Aunque para algunos suene ridículo, confieso que aún me deleito en el romance. Sí. . . a mi edad. Y, por si fuera poco, me declaro soñadora. Todavía encuentro emocionante una noche con vino, velas y música, y aún sueño con ese viaje a Grecia, rentar la casita pequeña y escribir frente al mar Egeo.
Pero, como muchas otras cosas, la sociedad ha distorsionado, los sueños y el romance, al utilizarlos fuera de contexto para justificar su obsesivo reclamo por la libertad, tantas veces, excesiva.
Así he visto jóvenes mujeres que, enredándose en una supuesta bandera del amor, se arrojan al vacío tras un amante y, violentando las reglas sociales, lo viven en lo que alguien bautizó como “amor libre”. Sólo para terminar con hijos sin padre y en el desamparo.
Y los hombres que, volando los vientos de un romance desmedido, se van tras un nuevo amor sin importar dejar esposa e hijos en el abandono. Mas, cuando el aire aquieta, los he mirado solitarios, perdidas familia, esposa y amante.
No puedo olvidar los ojos de frustración de jóvenes que, con el sueño de vencer los cánones escritos, cruzaron la puerta del colegio con el discurso de que “ellos no necesitarán recorrer los caminos trazados de la educación formal para lograr sus sueños” y, alcanzados por la edad adulta, se viven fracasados y con planes malogrados.

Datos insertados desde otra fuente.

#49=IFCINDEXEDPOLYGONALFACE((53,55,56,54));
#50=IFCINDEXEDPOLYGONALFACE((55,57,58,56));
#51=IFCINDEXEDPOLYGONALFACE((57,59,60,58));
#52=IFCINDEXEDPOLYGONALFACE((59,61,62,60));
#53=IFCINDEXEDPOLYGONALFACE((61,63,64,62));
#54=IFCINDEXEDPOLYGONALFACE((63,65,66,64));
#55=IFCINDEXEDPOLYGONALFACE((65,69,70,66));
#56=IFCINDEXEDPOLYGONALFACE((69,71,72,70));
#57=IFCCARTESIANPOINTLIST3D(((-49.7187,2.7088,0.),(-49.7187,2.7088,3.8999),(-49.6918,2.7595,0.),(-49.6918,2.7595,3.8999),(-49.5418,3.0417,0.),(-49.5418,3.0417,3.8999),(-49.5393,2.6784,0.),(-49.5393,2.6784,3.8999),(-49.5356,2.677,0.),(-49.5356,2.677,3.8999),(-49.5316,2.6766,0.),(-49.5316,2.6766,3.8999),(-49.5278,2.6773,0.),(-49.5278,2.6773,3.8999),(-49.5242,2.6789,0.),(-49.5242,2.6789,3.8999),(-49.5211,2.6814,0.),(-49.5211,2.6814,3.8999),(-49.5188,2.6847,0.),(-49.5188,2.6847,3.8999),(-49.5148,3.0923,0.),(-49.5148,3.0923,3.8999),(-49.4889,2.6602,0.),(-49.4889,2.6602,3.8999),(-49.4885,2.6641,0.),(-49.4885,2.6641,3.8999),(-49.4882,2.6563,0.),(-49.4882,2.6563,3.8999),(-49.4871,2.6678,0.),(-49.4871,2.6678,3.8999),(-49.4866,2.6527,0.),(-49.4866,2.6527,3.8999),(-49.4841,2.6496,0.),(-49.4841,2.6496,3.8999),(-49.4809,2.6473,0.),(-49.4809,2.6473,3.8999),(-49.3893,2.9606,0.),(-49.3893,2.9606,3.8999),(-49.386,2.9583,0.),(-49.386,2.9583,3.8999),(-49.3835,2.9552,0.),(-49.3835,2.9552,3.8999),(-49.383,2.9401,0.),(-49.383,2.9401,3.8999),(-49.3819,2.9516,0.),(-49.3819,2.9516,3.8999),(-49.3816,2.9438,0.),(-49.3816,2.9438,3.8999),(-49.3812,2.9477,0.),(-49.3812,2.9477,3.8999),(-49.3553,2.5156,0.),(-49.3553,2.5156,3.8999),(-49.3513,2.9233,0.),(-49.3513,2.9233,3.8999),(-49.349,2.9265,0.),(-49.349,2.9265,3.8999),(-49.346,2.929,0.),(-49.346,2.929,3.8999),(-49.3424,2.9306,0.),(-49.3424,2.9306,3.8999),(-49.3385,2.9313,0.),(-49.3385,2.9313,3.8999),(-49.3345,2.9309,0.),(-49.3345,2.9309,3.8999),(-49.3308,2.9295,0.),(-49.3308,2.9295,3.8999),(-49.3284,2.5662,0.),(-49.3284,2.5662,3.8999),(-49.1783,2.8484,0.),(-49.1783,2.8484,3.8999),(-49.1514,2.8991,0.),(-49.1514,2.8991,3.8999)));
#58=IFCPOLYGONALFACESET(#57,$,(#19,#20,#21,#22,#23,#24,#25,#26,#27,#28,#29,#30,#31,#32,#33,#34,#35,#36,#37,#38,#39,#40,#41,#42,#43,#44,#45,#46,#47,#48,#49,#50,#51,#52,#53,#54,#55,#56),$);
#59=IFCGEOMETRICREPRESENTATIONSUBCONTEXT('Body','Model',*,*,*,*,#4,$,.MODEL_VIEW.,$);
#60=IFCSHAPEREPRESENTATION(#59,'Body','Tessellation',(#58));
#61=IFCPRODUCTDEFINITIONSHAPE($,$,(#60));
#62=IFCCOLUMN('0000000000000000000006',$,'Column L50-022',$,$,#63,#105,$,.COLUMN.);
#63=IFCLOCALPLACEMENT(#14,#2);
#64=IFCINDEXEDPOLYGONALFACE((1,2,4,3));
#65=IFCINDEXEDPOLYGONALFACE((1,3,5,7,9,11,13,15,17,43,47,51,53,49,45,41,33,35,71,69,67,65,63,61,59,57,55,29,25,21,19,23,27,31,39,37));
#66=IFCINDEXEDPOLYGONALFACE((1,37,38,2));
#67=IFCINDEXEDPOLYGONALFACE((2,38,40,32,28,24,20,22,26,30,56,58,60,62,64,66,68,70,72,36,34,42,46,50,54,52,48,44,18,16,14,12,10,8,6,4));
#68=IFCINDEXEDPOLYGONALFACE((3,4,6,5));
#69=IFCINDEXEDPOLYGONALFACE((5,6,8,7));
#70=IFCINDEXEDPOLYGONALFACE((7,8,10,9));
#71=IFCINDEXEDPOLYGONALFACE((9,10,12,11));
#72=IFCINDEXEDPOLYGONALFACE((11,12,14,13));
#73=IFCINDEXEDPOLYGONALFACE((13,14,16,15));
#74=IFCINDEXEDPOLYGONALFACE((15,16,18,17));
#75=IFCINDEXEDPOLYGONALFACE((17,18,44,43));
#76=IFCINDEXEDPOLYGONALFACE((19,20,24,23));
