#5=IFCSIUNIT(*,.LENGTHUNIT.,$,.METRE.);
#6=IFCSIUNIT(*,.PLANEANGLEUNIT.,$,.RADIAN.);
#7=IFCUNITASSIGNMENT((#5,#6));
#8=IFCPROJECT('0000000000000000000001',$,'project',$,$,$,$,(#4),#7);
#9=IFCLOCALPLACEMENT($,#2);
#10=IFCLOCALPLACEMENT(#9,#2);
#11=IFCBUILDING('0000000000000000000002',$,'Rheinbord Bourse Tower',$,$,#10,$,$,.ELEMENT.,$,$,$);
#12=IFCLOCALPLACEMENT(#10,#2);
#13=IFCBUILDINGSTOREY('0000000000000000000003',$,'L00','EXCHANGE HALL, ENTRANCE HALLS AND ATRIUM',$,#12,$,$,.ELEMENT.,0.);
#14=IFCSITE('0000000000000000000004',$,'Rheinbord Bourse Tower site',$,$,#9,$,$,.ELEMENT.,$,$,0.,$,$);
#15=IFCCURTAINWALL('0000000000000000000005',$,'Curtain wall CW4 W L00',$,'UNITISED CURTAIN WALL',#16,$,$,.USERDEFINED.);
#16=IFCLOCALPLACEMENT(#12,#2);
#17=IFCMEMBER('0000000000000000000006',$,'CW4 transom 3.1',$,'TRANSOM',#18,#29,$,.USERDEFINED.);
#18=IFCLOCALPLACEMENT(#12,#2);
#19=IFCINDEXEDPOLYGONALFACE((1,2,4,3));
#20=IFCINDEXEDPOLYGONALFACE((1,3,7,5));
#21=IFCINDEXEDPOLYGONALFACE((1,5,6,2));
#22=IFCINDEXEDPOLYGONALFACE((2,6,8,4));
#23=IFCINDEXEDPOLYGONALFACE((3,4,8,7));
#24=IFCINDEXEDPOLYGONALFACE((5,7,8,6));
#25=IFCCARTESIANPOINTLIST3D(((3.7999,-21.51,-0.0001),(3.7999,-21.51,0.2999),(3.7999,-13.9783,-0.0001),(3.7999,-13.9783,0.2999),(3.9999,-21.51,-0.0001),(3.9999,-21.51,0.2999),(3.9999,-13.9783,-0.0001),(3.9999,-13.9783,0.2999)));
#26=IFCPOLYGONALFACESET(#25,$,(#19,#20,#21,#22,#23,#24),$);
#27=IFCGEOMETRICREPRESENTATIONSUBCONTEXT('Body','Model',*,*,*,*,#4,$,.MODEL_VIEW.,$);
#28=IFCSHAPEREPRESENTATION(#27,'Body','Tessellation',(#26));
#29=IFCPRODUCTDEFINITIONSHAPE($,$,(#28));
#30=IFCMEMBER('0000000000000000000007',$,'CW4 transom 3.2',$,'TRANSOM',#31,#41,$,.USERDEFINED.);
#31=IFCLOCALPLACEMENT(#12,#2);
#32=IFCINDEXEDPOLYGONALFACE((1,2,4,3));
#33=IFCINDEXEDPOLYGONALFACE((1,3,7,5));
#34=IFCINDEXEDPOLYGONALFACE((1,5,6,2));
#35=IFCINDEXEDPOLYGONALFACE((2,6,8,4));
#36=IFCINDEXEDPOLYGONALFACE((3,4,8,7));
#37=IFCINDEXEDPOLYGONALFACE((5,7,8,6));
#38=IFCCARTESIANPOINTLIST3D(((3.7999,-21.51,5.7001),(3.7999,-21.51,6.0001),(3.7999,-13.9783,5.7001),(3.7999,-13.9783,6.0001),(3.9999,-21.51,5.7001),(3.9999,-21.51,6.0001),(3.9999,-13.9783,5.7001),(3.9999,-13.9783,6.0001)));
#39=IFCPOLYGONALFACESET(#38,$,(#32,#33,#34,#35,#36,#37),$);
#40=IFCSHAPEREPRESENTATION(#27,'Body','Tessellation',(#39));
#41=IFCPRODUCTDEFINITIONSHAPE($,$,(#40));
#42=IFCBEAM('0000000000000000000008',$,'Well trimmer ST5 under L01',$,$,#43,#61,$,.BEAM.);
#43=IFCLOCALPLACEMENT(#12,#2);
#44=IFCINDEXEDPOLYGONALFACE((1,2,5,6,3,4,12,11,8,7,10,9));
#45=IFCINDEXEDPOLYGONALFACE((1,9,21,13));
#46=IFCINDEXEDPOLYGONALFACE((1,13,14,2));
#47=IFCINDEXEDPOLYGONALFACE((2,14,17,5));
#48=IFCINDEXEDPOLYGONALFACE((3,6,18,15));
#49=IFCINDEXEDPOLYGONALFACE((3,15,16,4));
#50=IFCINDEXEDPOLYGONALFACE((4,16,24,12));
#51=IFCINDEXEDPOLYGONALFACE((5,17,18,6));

¡Cuánta arrogancia encuentro en los romances fuera de lugar! ¡Qué absurdos son los sueños que huyen de la sensatez y la cautela! Y, que tristeza, verlos hechos añicos cuando se estrellan inevitablemente con la realidad y tragando el amargo sabor de las consecuencias.

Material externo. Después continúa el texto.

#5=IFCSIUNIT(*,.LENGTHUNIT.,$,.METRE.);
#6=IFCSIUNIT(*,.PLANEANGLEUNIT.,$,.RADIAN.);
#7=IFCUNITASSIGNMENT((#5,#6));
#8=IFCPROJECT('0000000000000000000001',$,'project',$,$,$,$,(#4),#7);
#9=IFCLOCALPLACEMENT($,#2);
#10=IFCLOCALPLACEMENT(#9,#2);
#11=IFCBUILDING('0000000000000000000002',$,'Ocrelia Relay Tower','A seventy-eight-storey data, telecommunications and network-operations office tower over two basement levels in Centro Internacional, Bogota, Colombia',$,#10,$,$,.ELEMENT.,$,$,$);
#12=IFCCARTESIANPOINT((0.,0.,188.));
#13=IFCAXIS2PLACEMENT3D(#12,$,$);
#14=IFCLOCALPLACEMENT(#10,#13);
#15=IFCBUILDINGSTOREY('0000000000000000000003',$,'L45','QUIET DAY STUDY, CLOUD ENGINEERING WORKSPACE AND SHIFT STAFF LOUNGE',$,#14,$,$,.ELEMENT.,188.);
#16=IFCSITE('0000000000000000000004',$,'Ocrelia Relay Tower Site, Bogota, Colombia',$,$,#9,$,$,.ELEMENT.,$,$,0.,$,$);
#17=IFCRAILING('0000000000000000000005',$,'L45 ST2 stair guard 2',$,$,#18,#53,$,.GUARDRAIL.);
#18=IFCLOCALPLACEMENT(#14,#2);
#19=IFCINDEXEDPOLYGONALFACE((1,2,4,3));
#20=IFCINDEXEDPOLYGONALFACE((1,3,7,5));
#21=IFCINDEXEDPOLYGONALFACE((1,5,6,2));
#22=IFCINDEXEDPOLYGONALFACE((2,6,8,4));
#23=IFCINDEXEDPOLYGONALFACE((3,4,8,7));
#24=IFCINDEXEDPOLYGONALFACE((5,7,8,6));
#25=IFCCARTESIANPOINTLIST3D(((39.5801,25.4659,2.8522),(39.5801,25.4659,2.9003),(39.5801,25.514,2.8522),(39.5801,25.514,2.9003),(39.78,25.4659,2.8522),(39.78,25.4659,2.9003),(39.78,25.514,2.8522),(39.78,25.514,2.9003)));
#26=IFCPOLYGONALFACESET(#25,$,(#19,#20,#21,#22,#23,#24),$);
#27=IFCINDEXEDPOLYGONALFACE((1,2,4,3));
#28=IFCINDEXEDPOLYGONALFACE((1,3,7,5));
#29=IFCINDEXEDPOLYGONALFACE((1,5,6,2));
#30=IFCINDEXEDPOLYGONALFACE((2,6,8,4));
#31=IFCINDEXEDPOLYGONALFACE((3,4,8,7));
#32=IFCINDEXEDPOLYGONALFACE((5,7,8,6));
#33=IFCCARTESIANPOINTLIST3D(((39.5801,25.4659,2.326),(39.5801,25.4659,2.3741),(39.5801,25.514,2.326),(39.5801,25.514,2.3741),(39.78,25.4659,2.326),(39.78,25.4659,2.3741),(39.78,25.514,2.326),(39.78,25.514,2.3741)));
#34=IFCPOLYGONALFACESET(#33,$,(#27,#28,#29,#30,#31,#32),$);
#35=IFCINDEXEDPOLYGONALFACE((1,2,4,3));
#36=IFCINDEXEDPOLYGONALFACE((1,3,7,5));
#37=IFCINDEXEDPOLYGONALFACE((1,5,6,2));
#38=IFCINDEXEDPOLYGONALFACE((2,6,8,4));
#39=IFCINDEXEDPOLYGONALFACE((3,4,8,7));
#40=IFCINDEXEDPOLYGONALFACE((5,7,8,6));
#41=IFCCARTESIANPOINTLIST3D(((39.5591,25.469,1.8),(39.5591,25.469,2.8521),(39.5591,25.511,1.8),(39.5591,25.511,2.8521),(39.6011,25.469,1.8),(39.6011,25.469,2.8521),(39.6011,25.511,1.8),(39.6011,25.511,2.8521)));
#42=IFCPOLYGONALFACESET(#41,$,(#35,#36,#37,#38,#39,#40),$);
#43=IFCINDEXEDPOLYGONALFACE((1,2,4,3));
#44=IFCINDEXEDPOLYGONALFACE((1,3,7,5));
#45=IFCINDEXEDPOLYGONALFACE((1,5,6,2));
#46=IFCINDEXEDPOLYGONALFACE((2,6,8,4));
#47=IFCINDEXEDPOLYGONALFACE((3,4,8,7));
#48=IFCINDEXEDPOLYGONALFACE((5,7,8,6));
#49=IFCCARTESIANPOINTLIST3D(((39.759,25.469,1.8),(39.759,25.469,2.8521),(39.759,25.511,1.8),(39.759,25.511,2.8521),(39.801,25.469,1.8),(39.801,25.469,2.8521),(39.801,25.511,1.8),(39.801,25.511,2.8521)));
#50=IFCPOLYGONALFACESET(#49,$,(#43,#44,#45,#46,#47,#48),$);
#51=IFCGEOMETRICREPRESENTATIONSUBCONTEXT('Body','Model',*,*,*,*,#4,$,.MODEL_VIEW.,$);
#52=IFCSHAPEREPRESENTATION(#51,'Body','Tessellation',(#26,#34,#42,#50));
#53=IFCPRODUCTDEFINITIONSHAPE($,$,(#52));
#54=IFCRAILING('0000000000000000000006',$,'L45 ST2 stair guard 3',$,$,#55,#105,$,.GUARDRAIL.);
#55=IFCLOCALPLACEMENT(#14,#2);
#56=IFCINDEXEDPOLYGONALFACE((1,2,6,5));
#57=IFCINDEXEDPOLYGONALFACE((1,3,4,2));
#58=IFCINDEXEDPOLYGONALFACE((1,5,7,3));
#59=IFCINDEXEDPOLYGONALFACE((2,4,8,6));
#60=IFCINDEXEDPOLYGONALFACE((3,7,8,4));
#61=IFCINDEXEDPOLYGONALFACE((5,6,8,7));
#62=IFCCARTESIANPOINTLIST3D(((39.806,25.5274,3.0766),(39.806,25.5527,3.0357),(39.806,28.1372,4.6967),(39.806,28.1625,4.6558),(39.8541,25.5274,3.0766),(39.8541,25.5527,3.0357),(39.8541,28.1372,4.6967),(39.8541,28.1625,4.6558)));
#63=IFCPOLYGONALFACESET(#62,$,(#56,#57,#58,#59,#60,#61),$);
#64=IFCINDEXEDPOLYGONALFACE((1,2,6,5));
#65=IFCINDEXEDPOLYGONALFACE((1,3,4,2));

Si los amantes y los soñadores entendieran que, tejiendo sus sueños y romances entre la malla de las reglas y las normas, lograrían mantenerlos largo tiempo, dejarían de oponerse a las leyes, los principios, y valores que, hasta ahora, han preservado las instituciones y proyectos más valiosos: la familia, la integridad humana y la sociedad.